3) I am especially concerned for myself and others about ananasukha. I know the happiness derived from not being in debt, at the same time I am sensible of ananasukha at a macro level of scale: the under-acknowledged ramifications of living in a nation of unsustainable debt, its collective karma which I bear, & emergent dialogue about alternatives.

This is a wonderful moment.

Lotus.

Maia Duerr
Maia Duerr
4 days ago
Reply to  GARY G GACH

So good to see you here, Gary! Thank you so much for commenting on those three aspects of the Dharma of money. Your last point is particularly interesting. While I’ve thought a lot about the karmic implications of my own financial debt (in the past I had a very large amount of credit card debt and a student loan that was only recently dismissed by the Biden administration), it hadn’t occurred to me that the same is true at the macro level. I don’t know enough about the way governments run to fully understand the implications and I don’t think it’s exactly the same as personal debt, but there is definitely collective karma. And the way those monies have been mostly allocated to the military…. that is literally our money.

may you be well,
Maia

Justin Whitaker
Justin Whitaker
9 days ago

Hi Maia,

Thanks so much for this. I appreciated your inclusion of the wealth studies and Maslow’s hierarchy. They show that our quest for ever-more material wealth can have real detrimental effects if we get to a certain point and then continue spending time and energy there rather than moving toward more time with family, friends, religious practice and other forms of self actualization and transcendence.

And yet, some material stability and security is so key to being able to devote time and energy to higher pursuits. And *that* seems to be the tricky part so often. In unstable societies where safety nets are far and few between, it makes sense that religious practice becomes more rare as people feel compelled to collect more material wealth to satisfy those lower-level needs.

For instance, due to inflation, that US$75,000 figure would be around $100,000. There can be a sense of always needing more money just to maintain whatever life one has, even if it is a relatively simple one.

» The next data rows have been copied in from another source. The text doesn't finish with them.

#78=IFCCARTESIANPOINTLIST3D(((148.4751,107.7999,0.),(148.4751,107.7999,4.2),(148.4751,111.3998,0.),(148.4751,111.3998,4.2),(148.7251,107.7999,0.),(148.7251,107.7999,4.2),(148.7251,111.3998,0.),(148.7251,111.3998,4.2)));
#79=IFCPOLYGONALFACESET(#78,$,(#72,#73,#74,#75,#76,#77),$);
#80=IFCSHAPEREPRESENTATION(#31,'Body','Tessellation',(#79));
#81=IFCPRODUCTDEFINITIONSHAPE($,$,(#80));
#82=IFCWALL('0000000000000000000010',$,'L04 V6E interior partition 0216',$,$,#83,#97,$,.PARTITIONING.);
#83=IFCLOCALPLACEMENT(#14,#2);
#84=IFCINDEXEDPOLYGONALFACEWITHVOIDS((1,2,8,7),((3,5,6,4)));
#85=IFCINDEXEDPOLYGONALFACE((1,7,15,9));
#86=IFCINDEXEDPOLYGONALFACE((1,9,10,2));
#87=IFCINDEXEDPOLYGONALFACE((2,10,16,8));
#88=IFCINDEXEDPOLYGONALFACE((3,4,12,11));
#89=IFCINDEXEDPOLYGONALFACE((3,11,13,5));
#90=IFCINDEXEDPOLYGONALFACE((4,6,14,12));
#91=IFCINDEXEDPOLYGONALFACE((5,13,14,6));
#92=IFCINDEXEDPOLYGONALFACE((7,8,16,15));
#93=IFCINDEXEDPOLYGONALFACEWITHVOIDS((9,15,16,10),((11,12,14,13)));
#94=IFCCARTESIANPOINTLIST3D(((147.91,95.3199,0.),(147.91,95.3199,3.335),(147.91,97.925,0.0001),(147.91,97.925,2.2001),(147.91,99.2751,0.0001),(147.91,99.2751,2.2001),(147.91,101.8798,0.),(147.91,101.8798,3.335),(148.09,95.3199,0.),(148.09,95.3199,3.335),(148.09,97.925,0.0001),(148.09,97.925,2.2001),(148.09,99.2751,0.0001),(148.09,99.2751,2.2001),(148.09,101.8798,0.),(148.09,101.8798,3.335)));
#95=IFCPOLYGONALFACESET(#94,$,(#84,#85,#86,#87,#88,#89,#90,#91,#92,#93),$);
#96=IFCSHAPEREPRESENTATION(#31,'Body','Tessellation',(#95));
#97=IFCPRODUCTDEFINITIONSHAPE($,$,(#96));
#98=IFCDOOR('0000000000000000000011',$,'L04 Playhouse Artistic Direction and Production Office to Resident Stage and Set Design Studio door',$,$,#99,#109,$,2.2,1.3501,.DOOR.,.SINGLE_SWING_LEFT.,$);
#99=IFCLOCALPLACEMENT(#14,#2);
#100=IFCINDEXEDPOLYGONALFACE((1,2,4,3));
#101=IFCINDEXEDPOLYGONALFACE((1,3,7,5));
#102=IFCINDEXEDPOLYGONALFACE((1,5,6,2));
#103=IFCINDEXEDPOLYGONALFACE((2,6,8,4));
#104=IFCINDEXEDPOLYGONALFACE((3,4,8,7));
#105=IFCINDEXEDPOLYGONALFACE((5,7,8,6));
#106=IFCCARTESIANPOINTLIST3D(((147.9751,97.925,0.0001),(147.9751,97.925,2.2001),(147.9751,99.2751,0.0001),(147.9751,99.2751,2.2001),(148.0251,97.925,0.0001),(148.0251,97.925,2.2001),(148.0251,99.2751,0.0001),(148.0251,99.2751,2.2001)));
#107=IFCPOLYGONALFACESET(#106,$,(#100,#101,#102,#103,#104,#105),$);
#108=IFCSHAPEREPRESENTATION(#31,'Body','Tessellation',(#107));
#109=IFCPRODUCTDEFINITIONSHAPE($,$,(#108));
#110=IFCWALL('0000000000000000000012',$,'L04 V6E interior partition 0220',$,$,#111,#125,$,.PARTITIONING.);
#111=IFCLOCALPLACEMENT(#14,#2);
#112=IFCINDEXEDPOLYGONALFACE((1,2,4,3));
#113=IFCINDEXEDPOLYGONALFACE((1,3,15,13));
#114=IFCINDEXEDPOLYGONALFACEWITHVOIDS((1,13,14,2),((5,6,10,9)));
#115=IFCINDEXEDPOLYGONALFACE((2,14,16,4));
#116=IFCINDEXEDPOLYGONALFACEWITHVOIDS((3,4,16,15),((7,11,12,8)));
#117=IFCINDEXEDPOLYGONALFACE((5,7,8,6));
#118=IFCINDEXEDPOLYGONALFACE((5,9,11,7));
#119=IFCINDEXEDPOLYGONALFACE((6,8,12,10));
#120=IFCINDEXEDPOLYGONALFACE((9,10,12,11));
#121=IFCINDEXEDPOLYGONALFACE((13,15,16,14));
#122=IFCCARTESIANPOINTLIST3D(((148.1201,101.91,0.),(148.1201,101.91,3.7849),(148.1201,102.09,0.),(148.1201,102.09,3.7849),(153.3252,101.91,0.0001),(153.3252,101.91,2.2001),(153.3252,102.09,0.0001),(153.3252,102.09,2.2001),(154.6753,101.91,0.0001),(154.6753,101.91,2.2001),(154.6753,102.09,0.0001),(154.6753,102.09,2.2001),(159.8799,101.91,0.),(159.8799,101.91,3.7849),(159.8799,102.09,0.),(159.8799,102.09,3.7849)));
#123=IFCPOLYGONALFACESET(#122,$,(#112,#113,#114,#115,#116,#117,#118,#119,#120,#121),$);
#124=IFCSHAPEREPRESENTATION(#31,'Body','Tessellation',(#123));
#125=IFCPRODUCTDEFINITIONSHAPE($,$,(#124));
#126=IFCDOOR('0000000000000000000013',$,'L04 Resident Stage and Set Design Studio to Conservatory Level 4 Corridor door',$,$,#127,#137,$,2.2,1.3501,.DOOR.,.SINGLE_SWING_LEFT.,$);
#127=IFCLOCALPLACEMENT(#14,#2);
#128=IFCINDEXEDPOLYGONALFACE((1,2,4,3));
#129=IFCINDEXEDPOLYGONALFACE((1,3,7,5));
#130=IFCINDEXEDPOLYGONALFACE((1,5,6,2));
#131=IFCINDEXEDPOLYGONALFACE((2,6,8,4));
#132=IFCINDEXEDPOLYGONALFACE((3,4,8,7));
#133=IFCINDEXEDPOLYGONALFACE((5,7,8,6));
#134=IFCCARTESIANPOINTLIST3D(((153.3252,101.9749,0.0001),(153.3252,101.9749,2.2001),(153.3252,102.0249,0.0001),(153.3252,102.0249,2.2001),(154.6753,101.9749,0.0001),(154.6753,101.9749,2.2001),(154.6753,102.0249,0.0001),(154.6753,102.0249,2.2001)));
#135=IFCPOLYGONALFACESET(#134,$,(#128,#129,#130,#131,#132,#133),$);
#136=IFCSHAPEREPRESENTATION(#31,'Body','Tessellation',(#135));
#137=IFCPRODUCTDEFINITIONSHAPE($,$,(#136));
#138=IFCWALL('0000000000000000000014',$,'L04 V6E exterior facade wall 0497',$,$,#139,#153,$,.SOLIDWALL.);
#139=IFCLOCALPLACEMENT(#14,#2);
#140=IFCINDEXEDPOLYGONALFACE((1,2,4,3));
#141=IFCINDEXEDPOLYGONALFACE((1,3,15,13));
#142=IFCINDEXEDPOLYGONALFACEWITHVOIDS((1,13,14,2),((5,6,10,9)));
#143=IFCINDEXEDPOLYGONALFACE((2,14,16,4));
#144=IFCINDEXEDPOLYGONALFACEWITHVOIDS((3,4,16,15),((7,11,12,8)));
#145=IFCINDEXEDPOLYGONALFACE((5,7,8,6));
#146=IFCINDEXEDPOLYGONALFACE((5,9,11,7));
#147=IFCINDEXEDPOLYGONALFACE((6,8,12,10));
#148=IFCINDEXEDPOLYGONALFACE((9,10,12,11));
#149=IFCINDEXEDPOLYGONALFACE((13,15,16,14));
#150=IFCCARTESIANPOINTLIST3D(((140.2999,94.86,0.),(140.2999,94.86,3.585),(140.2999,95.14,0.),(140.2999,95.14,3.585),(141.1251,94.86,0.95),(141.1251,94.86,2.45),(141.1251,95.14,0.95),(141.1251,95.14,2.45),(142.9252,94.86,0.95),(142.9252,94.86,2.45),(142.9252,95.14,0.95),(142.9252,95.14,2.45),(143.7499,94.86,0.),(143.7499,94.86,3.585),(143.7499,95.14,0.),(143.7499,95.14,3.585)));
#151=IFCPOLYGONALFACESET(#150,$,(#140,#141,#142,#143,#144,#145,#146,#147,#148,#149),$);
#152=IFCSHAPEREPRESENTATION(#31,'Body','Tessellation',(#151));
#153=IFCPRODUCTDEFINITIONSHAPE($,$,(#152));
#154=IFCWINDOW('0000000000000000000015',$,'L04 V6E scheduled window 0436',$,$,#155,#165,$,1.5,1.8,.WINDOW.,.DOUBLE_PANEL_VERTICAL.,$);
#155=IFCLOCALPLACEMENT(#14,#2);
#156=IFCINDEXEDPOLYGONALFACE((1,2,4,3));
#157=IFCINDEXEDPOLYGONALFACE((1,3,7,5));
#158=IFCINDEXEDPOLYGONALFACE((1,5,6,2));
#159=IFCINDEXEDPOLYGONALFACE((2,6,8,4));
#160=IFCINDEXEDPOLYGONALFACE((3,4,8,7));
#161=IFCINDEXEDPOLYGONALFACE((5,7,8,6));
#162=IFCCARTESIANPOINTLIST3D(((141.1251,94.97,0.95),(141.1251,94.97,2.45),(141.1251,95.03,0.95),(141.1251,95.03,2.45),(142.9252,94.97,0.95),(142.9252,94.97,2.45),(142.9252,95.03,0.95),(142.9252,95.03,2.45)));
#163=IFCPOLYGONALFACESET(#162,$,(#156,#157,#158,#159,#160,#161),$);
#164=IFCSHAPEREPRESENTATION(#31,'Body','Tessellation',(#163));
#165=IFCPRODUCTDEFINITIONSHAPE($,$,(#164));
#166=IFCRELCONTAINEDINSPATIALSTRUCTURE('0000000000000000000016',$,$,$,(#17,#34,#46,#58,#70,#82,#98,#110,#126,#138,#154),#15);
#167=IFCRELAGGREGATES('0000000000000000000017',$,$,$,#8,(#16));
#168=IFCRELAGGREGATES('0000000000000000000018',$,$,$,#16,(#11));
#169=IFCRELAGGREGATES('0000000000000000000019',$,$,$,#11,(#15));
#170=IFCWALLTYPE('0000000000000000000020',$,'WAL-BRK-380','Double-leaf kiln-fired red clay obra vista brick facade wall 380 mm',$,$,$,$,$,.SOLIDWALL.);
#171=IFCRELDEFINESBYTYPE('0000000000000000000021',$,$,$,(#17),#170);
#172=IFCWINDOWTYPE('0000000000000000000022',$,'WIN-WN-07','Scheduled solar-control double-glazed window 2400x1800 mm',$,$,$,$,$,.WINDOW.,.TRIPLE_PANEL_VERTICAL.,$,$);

It’s difficult. But I do think that discussions like this and bringing money anxieties into our practice regularly helps enormously.

Brian Victoria
Brian Victoria
6 days ago

Dear Maia,

Thank you for an initial thoughtful discussion on the role of money in the Buddhadharma. The historical reality, however, includes many examples where the Sangha has become dependent on wealthy patrons (nobility, military leaders, rich capitalists, etc.) This has led, in practice, to not only dependence on these patrons but a virtual inability to subject these leaders to legitimate criticism no matter how unjustly they treat the common folk nor the unjust economic systems they sustain (often through the use of physical violence). Are you willing to criticize Sangha leaders for this failure of conscience and, equally, suggest practical remedies?

Maia Duerr
Maia Duerr
4 days ago
Reply to  Brian Victoria

Hi Brian,

Thank you for your comment and your question. I certainly acknowledge the reality that the greater Sangha can and has been compromised and corrupted by dependence on those sources of support. I do not know enough about the specifics to write about it and that wasn’t intended to be the focus of this piece. But it’s a topic most definitely worthy of critique.